Archive 2009

  • 07.10.2009

    Administrative measures to support the hryvnia: An appropriate instrument of exchange rate policy?


    Over the recent past, the National Bank of Ukraine (NBU) has implemented a number of administrative measures in an attempt to regulate the foreign exchange market. It seems the authorities wanted to pursue several goals at the same time, like closing loopholes for currency speculation and decreasing the level of dollarisation. The underlying motive for these measures, however, seems to be an attempt to support the exchange rate of the hryvnia. For instance, the NBU Resolutions No. 107 and 109 oblige commercial banks to keep provisions for foreign currency loans in hryvnia and not in foreign currency, as was previously the case. In such a way, the NBU is clearly aiming at increasing the supply of foreign currency and/or the demand for hryvnia on the foreign exchange market. Despite the fact that such measures were heavily criticised, especially by commercial banks, there is an ongoing discussion on the implementation of further administrative measures, such as prescribing commercial banks to pay out interest and/or principal on foreign currency deposits only in hryvnia (i.e. not in foreign currency).
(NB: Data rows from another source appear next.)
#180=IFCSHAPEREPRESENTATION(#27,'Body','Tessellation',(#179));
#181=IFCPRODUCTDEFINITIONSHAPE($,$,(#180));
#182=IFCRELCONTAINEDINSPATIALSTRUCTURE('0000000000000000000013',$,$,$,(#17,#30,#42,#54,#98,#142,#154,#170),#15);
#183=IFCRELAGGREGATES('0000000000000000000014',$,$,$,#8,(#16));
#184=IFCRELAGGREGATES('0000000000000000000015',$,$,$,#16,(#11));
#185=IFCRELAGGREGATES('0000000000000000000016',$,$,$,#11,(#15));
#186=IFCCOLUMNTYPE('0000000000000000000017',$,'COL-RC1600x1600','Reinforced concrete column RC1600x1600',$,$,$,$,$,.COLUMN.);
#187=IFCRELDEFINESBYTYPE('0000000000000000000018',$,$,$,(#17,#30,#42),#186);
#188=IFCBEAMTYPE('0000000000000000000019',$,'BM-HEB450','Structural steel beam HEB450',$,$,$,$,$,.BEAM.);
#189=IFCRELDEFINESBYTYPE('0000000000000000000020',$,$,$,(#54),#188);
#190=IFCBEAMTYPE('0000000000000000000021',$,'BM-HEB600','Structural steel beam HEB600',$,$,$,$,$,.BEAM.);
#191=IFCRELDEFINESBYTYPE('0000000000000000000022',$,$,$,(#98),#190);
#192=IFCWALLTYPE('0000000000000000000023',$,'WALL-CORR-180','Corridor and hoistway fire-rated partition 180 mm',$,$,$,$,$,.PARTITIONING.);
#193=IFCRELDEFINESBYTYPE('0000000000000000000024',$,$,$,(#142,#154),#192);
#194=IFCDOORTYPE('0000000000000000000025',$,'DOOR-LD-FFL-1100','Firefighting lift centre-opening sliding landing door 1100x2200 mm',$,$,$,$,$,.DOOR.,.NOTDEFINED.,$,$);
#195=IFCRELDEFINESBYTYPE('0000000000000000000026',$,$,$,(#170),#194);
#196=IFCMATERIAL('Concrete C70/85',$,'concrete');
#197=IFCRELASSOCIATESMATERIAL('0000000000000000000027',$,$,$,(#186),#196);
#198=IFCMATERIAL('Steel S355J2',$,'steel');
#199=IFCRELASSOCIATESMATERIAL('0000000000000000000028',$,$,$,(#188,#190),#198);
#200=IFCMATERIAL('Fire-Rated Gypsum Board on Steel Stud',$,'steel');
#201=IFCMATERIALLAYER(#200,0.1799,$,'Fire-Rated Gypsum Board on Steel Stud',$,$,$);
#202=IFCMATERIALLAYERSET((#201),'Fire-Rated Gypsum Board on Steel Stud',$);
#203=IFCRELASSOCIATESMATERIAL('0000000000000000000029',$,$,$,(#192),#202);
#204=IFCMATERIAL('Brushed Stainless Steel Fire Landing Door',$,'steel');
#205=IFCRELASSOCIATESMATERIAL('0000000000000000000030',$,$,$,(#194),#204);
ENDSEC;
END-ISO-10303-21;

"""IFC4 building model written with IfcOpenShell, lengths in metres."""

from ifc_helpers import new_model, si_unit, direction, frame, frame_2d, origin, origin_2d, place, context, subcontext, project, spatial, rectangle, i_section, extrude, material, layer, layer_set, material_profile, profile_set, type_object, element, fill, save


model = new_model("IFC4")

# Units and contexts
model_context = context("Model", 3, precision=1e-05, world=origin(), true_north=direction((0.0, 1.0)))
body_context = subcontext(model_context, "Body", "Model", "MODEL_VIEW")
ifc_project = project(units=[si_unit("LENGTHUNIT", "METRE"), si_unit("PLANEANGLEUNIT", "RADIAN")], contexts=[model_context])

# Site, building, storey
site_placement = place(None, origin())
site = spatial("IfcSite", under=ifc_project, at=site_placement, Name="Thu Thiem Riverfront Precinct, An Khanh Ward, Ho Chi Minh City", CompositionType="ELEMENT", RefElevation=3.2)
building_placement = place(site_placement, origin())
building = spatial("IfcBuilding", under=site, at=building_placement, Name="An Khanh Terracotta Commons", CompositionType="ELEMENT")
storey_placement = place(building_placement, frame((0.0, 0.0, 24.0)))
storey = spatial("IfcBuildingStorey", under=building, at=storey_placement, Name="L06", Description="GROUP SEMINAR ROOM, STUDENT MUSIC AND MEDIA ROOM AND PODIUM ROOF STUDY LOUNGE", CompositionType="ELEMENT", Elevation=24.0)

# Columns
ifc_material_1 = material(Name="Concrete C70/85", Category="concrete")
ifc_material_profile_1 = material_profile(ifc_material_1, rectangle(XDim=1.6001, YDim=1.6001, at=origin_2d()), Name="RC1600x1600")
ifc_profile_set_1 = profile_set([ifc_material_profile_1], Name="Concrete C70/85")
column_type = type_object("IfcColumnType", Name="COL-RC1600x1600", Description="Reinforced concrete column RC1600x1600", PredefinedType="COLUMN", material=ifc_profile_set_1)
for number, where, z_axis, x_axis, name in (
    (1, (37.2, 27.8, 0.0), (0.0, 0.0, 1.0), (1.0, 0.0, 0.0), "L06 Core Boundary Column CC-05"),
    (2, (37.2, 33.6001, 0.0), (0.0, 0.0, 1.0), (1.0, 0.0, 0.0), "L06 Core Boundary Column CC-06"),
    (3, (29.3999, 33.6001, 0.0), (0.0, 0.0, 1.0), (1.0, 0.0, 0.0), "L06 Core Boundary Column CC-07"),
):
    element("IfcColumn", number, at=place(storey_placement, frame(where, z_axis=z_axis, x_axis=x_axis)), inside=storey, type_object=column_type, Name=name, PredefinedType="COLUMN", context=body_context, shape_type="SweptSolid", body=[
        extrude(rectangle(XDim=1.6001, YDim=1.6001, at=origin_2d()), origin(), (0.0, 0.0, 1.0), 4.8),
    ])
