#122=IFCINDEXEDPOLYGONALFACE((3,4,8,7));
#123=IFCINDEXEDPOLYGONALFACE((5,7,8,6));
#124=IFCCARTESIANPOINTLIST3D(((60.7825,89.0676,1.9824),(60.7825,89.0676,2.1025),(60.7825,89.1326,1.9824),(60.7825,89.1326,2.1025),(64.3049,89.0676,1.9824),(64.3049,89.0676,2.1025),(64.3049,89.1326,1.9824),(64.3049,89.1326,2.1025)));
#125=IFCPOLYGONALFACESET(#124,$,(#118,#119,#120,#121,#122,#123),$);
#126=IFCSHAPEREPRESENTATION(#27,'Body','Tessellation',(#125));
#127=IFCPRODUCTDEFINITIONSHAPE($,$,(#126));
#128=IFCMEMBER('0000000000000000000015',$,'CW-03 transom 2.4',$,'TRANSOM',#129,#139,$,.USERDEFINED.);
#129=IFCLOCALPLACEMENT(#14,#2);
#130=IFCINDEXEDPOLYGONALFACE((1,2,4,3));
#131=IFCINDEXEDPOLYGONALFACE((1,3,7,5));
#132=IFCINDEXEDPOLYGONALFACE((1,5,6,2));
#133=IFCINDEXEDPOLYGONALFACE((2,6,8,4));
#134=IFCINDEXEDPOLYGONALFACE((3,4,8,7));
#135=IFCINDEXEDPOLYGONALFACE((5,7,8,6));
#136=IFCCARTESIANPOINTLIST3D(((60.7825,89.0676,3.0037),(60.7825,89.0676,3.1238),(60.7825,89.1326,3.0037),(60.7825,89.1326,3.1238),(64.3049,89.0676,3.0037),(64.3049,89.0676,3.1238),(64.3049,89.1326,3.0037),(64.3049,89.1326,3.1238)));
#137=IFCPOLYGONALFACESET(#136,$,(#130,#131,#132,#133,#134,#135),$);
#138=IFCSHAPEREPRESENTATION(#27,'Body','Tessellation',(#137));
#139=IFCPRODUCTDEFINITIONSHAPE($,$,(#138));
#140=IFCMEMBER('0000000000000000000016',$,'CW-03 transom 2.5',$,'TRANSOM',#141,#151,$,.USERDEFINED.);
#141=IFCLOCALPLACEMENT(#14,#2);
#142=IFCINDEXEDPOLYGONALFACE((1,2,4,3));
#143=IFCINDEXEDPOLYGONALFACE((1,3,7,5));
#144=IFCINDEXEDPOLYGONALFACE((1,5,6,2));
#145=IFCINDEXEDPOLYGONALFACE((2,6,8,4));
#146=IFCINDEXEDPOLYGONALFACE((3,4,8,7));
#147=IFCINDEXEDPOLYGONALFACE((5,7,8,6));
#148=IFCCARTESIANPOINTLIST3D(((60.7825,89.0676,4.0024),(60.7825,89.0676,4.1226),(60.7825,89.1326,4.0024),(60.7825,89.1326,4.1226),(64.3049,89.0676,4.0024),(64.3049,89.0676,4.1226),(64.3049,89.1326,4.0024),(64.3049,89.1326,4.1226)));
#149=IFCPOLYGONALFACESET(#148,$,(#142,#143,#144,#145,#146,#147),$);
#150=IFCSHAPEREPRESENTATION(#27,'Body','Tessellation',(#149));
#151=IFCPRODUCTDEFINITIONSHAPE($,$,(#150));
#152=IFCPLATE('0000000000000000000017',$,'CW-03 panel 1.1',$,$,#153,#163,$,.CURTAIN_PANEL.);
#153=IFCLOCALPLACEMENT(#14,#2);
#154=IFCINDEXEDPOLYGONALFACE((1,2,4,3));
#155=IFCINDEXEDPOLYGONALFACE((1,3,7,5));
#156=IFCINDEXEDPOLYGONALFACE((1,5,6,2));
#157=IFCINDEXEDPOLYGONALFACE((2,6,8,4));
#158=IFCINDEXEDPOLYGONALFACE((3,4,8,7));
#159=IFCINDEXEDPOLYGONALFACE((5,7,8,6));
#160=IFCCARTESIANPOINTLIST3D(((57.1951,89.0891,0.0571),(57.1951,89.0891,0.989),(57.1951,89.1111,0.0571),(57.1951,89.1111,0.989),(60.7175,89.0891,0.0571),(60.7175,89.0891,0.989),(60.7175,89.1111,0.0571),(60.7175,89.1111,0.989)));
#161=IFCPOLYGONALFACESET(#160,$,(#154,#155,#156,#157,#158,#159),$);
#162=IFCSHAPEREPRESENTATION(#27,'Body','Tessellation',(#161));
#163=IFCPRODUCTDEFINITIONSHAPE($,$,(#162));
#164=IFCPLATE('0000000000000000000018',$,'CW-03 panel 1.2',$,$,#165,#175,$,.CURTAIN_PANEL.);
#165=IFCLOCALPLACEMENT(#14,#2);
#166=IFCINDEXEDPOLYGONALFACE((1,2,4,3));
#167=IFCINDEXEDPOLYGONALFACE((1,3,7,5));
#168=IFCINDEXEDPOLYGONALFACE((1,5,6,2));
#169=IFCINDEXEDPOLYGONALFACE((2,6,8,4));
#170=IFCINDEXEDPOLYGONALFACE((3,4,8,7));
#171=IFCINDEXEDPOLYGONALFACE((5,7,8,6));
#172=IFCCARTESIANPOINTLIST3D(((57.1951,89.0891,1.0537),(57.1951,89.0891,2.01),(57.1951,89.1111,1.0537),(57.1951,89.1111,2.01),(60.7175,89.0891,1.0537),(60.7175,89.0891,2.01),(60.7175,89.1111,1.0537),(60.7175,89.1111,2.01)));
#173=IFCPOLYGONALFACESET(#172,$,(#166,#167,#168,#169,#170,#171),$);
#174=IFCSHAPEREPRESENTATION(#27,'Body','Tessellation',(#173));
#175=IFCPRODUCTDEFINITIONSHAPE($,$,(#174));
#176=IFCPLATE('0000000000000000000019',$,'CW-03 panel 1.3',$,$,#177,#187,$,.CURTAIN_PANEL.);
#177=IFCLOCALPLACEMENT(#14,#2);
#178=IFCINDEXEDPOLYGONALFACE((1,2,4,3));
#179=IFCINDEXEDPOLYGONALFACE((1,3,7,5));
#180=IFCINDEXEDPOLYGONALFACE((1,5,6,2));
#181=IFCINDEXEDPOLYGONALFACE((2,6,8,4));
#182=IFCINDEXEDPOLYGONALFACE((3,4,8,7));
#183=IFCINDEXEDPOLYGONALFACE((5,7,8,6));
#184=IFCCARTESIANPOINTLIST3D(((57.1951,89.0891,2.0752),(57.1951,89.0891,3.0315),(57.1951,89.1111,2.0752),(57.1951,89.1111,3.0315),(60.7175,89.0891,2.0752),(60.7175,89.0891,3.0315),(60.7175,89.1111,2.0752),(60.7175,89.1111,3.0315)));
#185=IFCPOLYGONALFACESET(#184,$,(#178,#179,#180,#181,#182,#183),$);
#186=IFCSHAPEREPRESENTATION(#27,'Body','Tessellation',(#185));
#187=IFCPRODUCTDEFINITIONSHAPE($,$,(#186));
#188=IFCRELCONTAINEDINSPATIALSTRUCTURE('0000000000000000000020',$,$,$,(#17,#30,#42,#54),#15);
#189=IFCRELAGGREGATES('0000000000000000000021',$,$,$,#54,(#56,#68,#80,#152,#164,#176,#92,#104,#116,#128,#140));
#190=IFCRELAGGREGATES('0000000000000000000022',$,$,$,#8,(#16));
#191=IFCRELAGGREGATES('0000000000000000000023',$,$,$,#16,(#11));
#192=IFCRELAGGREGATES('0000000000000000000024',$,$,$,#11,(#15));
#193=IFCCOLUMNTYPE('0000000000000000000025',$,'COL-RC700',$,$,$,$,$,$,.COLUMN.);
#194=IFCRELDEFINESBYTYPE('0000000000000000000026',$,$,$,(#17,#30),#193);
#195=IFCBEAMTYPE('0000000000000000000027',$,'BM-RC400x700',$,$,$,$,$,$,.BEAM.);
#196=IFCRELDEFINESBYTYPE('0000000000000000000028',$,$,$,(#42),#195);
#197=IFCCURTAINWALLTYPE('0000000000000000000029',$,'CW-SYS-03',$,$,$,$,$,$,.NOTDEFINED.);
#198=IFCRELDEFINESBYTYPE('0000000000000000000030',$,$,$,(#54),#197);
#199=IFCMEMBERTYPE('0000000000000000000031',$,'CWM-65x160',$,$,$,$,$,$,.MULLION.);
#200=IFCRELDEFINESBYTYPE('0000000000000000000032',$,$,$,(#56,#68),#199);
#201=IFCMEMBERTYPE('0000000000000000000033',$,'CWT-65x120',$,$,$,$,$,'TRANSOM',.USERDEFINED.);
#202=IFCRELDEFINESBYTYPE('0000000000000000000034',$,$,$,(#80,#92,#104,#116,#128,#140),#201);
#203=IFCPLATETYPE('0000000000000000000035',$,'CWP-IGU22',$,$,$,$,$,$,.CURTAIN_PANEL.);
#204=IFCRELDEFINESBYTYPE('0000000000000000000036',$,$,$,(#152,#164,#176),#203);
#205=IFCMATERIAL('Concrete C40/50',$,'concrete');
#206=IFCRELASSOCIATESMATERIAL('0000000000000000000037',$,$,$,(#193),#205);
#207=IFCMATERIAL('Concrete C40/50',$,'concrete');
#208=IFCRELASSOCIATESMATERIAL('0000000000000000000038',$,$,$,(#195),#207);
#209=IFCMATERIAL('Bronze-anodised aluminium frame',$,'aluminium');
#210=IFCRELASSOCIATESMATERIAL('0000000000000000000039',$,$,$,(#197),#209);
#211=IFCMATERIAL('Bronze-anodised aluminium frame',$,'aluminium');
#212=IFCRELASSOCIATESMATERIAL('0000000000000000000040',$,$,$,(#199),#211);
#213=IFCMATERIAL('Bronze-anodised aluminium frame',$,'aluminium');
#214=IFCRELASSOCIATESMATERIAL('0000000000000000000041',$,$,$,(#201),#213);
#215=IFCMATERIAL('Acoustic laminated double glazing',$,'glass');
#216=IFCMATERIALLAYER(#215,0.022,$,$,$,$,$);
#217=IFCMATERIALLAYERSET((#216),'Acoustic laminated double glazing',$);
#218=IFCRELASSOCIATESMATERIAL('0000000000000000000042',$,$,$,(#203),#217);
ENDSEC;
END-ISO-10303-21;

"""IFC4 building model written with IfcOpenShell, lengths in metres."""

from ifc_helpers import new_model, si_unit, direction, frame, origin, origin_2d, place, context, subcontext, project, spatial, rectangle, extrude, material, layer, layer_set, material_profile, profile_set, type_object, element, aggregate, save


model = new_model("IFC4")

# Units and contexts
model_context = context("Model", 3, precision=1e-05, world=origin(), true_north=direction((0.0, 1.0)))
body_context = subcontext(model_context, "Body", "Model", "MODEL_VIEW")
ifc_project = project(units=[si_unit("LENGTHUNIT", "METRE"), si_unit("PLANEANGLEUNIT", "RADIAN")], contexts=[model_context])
    In this paper we review and assess the economic impact of selected administrative measures that were recently implemented, or are currently under discussion. At a first glance, such measures seem to support the exchange rate of the hryvnia. But a more profound analysis shows that in fact such measures are more likely to weaken than to strengthen the hryvnia. Economic agents interpret such measures as a clear evidence of the weakness of the national currency and react accordingly by holding foreign currency. Furthermore, the use of nonmarket based instruments of exchange rate policy increases uncertainty about more extreme measures being implemented in the future, such as the forced conversion of foreign currency deposits into domestic currency. As a result, many households prefer to keep foreign currency in cash, thus weakening not only the hryvnia, but also the banking sector. In short, administrative measures are generally speaking counterproductive.

    But this does not mean that the NBU should do nothing about the exchange rate. In order to prevent sharp and volatile movements in the exchange rate, the NBU can intervene on the foreign exchange market, as far as the level of official reserves permits this. Also, the NBU can support the hryvnia by conducting a relatively tight monetary policy and thus controlling the supply of hryvnia. But also allowing effective hedging instruments such as forwards to function would be a crucial step, since this would under current conditions reduce demand for foreign currency and thus put less pressure on the exchange rate.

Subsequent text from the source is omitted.